# Five Pawns Symmetry Six becomes permanent



## rogue zombie (15/10/15)

Lol... well done, Five Pawns launch a "limited" juice at a higher price. Now "due to overwhelming request" it's a permanent, at the normal Five Pawns price.

Man, I need to get some of these juice folk in my marketing dept.

From the mail:


You asked, and we listened! We’ve been overwhelmed by all of the positive response to Symmetry Six, as a result, we are happy to announce Symmetry Six Is NOW A Full-time Offering!


Please make sure to visit your local authorized Five Pawns retailer to experience one of our most exciting offerings to date!

30ml bottles are available at our normal $27.50 retail price.



Sent from my SM-G920F using Tapatalk

Reactions: Like 1


----------



## Yusuf Cape Vaper (15/10/15)

Vaped a tank of this today and at first impressions, its really kak. Haven't vaped 5P or 50/50 jooses in about a year so that could be why.


----------



## rogue zombie (15/10/15)

Yusuf Cape Vaper said:


> Vaped a tank of this today and at first impressions, its really kak. Haven't vaped 5P or 50/50 jooses in about a year so that could be why.


Oh really, wow.

Ya I also haven't vaped 5P since my Nautilus days.
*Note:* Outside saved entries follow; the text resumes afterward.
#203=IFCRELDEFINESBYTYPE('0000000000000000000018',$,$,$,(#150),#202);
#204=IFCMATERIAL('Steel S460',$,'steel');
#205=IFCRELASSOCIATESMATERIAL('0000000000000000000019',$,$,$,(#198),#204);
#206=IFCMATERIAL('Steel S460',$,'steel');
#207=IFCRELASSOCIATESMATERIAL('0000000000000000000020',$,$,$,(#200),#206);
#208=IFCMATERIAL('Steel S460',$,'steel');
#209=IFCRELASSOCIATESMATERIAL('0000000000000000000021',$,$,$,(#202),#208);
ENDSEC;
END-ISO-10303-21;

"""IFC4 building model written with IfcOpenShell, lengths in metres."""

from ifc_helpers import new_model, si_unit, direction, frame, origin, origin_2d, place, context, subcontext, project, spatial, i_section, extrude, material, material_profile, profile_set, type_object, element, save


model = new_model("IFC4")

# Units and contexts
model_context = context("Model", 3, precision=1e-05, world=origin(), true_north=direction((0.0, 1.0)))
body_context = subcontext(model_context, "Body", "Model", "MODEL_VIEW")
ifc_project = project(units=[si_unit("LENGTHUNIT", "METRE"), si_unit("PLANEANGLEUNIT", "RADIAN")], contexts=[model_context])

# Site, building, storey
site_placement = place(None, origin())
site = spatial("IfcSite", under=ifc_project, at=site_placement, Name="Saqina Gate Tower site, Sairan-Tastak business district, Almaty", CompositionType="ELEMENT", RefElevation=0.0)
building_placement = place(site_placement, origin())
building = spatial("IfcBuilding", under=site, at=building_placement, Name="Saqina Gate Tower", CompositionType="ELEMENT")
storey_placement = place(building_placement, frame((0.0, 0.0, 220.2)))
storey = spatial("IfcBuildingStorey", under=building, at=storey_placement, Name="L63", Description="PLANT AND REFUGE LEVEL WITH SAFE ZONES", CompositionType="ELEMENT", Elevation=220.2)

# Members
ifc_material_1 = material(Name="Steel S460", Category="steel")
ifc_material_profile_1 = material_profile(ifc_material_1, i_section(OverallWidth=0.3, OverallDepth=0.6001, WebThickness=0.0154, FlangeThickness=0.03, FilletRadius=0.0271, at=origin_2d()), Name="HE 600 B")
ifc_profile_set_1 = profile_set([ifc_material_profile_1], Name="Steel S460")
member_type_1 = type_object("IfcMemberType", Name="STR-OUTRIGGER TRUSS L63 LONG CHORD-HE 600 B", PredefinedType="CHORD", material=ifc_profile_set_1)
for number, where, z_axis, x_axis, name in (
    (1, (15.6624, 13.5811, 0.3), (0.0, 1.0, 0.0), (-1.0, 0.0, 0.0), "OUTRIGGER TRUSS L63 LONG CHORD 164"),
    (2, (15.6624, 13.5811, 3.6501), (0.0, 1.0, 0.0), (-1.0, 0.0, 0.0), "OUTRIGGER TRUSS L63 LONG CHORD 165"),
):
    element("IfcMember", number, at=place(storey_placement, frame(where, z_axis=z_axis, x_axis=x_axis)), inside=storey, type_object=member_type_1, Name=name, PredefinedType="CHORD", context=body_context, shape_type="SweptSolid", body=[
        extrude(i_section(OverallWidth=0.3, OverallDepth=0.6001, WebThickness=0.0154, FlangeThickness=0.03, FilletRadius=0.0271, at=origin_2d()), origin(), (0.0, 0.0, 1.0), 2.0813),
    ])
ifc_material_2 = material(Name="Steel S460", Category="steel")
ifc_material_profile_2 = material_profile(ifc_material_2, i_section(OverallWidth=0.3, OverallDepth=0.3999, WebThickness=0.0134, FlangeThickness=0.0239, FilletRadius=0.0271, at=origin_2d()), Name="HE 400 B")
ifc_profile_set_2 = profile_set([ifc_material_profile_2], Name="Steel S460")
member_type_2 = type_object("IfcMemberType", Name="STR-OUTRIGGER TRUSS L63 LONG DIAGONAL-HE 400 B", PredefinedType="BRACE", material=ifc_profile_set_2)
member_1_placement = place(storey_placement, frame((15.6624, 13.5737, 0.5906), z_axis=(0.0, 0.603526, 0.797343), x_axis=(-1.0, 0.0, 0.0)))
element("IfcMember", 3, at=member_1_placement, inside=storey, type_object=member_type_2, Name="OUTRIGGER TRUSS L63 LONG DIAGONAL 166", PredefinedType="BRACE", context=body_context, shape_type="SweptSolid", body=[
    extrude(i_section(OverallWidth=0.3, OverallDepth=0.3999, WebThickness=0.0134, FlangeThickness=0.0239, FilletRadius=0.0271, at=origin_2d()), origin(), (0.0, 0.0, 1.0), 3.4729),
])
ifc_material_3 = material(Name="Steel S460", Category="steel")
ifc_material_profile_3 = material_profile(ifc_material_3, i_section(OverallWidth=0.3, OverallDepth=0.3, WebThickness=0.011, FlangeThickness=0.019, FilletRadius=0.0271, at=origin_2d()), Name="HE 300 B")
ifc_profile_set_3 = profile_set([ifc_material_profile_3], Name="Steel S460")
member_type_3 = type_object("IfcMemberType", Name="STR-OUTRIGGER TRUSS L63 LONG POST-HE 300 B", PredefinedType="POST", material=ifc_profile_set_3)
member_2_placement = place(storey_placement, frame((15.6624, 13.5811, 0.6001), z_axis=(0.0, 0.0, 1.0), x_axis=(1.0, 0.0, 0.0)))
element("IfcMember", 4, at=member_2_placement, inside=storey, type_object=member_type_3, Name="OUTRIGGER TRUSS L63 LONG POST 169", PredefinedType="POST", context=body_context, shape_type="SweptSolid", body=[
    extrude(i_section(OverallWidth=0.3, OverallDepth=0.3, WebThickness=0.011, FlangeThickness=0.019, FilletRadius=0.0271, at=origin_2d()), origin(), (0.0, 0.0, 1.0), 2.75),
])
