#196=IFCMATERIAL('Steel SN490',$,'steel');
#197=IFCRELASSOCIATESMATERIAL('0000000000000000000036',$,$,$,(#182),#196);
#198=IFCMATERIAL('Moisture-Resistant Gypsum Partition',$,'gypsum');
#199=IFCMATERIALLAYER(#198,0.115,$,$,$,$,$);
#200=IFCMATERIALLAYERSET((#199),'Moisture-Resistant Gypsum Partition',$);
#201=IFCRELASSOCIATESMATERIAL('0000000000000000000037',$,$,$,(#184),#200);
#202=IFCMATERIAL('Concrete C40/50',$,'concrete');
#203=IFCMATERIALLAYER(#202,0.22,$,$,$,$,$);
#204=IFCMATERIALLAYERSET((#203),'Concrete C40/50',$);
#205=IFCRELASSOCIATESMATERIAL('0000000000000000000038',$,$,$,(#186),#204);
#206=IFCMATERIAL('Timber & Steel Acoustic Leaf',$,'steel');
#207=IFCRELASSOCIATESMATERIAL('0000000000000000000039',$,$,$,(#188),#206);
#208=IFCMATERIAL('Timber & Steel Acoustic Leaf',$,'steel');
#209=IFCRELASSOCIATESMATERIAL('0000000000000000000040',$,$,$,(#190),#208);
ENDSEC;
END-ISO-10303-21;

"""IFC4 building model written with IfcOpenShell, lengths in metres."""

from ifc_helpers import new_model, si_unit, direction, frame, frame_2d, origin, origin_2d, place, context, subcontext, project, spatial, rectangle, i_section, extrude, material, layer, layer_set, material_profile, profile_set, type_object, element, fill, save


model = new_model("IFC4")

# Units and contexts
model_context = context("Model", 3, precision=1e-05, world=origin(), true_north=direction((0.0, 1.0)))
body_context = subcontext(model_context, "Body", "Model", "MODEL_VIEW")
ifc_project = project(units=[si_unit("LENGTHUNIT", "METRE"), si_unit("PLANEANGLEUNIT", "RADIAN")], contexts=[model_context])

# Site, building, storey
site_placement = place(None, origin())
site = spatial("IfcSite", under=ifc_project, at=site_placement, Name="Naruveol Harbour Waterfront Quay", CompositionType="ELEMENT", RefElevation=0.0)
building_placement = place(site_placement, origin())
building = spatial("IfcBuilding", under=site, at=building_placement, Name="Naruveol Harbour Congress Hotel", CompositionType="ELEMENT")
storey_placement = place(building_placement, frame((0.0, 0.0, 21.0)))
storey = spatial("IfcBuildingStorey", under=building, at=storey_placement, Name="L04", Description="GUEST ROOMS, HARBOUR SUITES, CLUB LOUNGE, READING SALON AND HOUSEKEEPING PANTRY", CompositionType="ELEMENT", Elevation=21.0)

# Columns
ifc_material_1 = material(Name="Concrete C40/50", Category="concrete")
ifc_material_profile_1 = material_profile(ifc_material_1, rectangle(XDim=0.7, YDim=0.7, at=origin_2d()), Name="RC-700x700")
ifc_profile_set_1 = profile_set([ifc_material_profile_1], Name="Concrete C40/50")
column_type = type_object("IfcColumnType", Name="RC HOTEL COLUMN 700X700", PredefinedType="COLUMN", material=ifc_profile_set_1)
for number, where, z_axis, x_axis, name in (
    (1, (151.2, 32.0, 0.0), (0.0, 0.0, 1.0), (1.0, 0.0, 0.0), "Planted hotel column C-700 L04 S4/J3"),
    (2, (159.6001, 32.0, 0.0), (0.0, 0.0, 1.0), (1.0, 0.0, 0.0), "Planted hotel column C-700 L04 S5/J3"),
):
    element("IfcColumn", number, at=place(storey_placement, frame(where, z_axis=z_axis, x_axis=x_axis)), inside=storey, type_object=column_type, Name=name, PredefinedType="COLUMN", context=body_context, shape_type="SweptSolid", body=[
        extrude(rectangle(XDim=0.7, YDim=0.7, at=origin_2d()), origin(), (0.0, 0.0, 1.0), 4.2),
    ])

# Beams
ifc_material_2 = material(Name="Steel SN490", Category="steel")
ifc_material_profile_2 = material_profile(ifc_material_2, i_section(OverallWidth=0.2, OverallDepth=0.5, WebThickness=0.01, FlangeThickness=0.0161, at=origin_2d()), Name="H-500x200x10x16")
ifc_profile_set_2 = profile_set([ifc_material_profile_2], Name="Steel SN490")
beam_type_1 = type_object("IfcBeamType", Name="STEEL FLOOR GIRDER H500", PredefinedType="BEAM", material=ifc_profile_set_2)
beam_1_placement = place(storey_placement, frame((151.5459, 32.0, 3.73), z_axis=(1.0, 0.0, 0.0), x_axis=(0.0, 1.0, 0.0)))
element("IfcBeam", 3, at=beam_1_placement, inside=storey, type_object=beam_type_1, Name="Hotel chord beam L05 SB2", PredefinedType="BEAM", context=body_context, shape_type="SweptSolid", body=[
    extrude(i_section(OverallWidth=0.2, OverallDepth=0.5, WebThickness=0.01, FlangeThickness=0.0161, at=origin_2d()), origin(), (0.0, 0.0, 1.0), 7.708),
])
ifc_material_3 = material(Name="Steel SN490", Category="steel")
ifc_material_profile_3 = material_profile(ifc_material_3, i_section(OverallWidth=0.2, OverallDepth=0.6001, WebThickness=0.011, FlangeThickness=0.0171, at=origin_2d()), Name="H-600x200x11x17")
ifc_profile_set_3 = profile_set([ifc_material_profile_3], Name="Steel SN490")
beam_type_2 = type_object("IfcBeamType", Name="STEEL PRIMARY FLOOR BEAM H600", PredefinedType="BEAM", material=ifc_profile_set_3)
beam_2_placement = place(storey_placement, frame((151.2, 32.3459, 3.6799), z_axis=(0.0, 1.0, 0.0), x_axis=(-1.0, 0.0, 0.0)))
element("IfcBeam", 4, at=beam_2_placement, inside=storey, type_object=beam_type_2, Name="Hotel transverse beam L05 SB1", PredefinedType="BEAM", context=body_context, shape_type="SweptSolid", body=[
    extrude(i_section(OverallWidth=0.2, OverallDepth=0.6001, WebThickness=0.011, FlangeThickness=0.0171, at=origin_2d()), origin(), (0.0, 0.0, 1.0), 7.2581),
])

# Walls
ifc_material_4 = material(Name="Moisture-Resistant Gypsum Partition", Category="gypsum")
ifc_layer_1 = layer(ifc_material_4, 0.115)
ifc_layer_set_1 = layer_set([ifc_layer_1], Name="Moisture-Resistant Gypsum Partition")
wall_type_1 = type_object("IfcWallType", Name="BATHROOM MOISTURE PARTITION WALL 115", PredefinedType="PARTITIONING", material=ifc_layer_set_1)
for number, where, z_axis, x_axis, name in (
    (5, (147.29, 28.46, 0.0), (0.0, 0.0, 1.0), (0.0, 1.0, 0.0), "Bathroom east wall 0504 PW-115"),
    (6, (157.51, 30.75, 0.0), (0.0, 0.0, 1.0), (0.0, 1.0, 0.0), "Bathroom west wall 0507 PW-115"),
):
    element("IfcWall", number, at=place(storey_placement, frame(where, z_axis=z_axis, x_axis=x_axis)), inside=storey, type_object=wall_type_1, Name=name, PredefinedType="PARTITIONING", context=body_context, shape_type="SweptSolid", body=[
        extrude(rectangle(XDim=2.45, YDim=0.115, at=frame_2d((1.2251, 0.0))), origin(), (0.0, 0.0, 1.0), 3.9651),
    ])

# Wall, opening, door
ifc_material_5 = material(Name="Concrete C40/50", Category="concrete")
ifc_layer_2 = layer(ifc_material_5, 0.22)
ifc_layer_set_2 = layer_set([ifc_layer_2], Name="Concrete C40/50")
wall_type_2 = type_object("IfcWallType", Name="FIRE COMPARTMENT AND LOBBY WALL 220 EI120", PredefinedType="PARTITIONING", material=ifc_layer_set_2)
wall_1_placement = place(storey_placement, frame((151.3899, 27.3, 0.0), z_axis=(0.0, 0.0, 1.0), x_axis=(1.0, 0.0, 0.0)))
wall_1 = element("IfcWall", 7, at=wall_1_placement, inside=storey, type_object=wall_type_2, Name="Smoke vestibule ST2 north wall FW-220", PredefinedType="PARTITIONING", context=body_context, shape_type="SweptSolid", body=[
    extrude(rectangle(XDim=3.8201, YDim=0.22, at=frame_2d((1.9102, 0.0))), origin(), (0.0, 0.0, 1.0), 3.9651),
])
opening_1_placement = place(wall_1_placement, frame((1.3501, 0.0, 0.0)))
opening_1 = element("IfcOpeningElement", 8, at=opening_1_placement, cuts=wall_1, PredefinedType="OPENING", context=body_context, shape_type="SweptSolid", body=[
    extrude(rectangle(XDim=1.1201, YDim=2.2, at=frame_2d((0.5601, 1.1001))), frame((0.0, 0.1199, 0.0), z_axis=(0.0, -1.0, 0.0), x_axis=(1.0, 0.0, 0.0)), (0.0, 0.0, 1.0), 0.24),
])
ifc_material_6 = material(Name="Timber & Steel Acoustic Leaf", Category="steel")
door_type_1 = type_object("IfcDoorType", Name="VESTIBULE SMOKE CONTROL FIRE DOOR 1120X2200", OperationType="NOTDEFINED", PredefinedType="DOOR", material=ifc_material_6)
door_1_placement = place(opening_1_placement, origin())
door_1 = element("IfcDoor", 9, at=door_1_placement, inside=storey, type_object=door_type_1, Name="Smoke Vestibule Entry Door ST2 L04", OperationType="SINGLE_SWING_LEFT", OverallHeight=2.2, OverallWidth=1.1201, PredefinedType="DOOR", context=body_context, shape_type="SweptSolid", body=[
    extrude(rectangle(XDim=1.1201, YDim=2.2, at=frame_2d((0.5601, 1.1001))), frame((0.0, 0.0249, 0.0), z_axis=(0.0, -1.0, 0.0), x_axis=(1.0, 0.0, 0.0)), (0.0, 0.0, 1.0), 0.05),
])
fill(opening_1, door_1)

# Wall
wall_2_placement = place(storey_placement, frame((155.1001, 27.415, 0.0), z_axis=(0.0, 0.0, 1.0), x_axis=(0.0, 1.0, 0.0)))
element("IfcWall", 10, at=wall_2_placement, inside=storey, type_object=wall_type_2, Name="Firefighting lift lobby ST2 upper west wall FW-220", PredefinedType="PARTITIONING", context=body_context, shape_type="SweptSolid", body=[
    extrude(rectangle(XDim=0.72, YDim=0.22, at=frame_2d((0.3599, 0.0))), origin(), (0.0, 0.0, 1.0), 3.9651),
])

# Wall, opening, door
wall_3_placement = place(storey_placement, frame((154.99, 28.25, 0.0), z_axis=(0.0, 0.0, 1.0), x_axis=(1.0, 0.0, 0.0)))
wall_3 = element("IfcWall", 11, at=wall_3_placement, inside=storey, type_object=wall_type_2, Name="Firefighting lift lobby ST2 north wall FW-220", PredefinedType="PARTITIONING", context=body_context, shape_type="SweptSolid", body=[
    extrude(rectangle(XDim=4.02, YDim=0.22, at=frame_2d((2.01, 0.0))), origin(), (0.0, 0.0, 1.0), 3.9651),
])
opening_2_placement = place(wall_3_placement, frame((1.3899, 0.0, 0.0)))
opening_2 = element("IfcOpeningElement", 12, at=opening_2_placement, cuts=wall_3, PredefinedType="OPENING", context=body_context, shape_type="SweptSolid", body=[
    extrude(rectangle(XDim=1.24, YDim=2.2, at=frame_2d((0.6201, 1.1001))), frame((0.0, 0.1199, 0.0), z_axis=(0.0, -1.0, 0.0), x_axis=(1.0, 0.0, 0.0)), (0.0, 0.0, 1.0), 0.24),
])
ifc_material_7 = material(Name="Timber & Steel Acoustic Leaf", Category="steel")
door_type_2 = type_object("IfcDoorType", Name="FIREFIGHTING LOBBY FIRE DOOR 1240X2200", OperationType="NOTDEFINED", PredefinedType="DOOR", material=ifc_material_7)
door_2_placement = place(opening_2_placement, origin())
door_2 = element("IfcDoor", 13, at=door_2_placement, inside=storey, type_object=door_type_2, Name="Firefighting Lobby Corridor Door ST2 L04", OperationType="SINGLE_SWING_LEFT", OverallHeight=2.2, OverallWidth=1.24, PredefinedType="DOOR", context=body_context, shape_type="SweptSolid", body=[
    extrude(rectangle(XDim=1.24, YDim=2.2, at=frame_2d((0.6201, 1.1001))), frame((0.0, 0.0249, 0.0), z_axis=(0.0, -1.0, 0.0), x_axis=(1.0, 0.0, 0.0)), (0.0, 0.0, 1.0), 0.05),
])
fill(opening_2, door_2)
I also don't get along with 50pg stuff, so I'm probably better off not vaping them.

Sent from my SM-G920F using Tapatalk


----------



## Silver (16/10/15)

Still vape Bowdens Mate occasionally
I find it very good. 
But with all the great local juices available at a far lower price, its appeal has waned a bit
Still a good juice for me though

Reactions: Agree 2


----------